Personal information
- Full name: David Kenneth Fasken
- Born: 23 March 1932 Batu Gajah, Perak, Federated Malay States
- Died: 24 May 2006 (aged 74) London, England
- Batting: Right-handed
- Bowling: Right-arm medium-fast

Domestic team information
- 1950–1955: Oxfordshire
- 1953–1955: Oxford University
- 1956–1959: Marylebone Cricket Club

Career statistics
| Competition | First-class |
| Matches | 36 |
| Runs scored | 559 |
| Batting average | 12.42 |
| 100s/50s | –/1 |
| Top score | 61 |
| Balls bowled | 5,715 |
| Wickets | 71 |
| Bowling average | 40.30 |
| 5 wickets in innings | 1 |
| 10 wickets in match | – |
| Best bowling | 5/108 |
| Catches/stumpings | 21/– |
- Source: Cricinfo, 3 June 2019

= David Fasken (cricketer) =

English cricketer and businessman (1932–2006)

David Kenneth Fasken (23 March 1932 – 24 May 2006) was an English first-class cricketer and businessman. Fasken played first-class cricket for several teams between 1953-1962, though he played predominantly for Oxford University. After graduating from the University of Oxford, he became a director for the Earls Court and Olympia exhibition centres, helping them become world leading exhibition venues.

==Life, cricket and business career==
Fasken was born into a military family at Batu Gajah in British Malaya in March 1932. His family moved back to England in 1937, where he attended the Dragon School at Oxford, before attending Wellington College. From Wellington he went up to Trinity College, Oxford, where he studied languages. He had debuted for Oxfordshire in minor counties cricket in the 1950 Minor Counties Championship. While studying at Oxford he made his debut in first-class cricket for Oxford University against Lancashire at Oxford in 1953. He played first-class cricket for Oxford until 1955, making 27 appearances and gaining a blue.

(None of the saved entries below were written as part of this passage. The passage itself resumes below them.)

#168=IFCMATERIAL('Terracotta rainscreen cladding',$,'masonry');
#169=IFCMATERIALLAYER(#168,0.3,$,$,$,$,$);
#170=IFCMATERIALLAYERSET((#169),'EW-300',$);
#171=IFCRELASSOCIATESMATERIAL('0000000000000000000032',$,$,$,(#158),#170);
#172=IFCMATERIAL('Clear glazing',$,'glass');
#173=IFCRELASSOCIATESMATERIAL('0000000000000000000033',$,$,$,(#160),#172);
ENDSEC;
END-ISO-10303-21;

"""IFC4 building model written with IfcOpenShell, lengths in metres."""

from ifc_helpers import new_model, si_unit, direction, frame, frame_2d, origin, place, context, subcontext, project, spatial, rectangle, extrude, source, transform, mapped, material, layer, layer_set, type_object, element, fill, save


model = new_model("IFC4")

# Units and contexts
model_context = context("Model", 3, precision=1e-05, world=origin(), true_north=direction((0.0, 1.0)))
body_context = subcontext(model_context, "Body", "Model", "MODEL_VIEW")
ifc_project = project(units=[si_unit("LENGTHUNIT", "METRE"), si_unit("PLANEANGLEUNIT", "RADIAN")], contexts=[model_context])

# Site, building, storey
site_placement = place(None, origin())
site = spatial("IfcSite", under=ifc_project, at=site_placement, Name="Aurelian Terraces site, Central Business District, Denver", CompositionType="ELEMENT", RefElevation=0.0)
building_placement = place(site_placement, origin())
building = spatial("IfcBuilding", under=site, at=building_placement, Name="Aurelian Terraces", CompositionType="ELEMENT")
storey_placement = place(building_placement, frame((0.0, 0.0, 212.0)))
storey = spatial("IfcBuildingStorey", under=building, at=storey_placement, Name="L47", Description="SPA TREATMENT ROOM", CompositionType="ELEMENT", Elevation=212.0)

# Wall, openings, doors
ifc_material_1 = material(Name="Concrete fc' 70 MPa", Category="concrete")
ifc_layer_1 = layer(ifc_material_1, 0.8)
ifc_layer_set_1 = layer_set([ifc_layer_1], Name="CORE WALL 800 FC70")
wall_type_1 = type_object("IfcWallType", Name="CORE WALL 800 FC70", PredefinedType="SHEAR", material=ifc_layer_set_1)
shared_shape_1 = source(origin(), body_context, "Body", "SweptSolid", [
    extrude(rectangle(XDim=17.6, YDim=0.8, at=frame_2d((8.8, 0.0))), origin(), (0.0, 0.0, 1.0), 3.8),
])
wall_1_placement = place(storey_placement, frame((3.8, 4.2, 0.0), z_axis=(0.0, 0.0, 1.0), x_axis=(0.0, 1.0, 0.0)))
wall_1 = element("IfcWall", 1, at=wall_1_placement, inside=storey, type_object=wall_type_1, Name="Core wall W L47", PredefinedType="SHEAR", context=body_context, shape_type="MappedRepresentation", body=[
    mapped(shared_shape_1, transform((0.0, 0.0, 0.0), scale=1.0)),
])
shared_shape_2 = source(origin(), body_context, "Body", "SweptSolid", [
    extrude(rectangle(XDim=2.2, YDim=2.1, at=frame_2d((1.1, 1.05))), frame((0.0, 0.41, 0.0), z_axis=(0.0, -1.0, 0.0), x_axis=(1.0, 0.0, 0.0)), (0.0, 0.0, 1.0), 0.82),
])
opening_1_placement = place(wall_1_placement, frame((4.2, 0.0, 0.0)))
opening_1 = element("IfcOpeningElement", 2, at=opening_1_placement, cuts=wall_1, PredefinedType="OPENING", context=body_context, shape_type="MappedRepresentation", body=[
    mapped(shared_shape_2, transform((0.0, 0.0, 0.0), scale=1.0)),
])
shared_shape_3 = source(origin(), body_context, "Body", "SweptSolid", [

Playing as a right-arm medium-fast bowler, he took 58 wickets for the university at an average of 35.94, with best figures of 5 for 108 against the touring Australians in 1953. With the bat he scored 403 runs with a high score of 61. In addition to playing first-class cricket for Oxford University, Fasken also played three matches apiece for the Marylebone Cricket Club from 1956-59, and for the Free Foresters from 1959-62. He also played at first-class level for D. R. Jardine's XI and L. C. Stevens' XI. He played his final minor counties match for Oxfordshire in 1955.

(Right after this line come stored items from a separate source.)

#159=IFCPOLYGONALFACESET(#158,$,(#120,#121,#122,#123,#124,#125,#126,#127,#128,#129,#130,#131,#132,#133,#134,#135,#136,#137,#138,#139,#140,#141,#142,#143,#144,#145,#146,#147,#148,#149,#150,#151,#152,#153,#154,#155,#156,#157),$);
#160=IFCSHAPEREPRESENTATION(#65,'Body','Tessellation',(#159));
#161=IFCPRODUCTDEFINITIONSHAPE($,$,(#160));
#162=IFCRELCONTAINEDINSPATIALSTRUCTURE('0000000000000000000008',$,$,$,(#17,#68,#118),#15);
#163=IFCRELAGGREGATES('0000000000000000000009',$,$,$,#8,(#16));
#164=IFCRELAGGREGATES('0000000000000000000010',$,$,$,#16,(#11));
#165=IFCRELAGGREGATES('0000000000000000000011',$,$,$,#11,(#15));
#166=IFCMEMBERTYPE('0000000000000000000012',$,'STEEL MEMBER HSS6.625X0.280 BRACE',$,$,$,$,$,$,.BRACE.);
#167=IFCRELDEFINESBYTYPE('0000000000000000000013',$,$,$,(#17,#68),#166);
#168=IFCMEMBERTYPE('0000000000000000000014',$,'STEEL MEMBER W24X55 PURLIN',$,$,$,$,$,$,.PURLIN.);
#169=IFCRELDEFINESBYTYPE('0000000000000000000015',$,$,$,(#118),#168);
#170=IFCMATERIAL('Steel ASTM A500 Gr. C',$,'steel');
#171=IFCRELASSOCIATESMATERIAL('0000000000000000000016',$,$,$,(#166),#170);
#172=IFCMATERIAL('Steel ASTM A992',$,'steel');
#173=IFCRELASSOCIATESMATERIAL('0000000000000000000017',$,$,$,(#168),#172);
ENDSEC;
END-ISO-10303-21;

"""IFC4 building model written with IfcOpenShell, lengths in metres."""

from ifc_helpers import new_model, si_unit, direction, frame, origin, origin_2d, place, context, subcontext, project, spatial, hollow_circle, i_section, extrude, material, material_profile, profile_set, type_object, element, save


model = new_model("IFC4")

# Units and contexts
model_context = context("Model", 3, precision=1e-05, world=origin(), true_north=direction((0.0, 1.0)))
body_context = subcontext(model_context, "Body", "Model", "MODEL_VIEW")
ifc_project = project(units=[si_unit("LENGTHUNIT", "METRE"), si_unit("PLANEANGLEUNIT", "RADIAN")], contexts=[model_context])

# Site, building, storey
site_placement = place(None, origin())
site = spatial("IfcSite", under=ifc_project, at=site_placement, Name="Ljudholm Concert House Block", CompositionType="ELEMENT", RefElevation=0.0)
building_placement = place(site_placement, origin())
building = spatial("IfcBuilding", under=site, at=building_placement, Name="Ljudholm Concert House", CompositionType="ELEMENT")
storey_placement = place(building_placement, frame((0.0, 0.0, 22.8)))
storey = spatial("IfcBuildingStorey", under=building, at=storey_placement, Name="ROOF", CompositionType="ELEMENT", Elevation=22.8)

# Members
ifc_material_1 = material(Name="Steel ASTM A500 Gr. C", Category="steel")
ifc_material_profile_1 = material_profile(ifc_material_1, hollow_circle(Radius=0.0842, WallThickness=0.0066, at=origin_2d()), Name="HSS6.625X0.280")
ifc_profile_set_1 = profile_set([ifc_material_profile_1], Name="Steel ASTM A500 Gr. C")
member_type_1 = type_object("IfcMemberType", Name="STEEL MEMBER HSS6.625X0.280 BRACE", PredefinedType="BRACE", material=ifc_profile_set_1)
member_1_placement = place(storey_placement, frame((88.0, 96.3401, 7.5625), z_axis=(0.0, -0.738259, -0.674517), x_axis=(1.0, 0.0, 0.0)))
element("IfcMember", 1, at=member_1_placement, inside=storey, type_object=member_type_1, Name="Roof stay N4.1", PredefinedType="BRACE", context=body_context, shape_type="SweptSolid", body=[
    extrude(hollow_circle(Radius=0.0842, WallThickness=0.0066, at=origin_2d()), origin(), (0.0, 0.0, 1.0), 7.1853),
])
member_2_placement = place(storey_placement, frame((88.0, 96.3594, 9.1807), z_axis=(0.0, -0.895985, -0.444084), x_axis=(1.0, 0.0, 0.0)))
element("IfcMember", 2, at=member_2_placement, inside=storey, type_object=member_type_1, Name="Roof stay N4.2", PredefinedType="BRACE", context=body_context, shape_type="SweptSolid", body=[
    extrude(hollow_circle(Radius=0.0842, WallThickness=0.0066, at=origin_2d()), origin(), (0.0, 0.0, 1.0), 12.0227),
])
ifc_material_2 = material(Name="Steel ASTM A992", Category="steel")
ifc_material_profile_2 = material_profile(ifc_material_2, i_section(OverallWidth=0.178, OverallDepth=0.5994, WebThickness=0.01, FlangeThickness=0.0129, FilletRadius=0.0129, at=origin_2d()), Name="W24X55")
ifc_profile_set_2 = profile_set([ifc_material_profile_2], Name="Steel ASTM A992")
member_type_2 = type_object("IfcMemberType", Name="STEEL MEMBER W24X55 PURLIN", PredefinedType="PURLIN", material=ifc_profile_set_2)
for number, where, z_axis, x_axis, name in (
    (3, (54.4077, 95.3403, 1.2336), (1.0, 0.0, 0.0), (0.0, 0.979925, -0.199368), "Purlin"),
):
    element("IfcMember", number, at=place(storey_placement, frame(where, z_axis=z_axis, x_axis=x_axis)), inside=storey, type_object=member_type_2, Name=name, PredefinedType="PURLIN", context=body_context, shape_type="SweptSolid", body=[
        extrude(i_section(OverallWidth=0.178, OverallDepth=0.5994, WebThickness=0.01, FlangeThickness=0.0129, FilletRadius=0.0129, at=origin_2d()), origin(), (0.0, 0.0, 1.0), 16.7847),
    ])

After graduating from Oxford, Fasken decided not to take up a career as a cricketer, stating that "the life" never appealed to him. Instead he took up a career managing exhibition centres, including Earls Court and Olympia, both of which he was vice-president until his retirement in 1993. During his tenure he helped Olympia to become one of the world's leading exhibition venues. He was also a major factor in the development of Earls Court Two in the late 1980s. When he was 69 he was diagnosed with hydrocephalus, which required several shunts to slow the progression of the condition. He spent four months in hospital with a kidney infection shortly before his death. He returned home for a month, but died on 24 May 2006, following a fall down the stairs at his home. He was survived by his wife Susan of 38 years and their two children Joanna and Hugh and three grandchildren.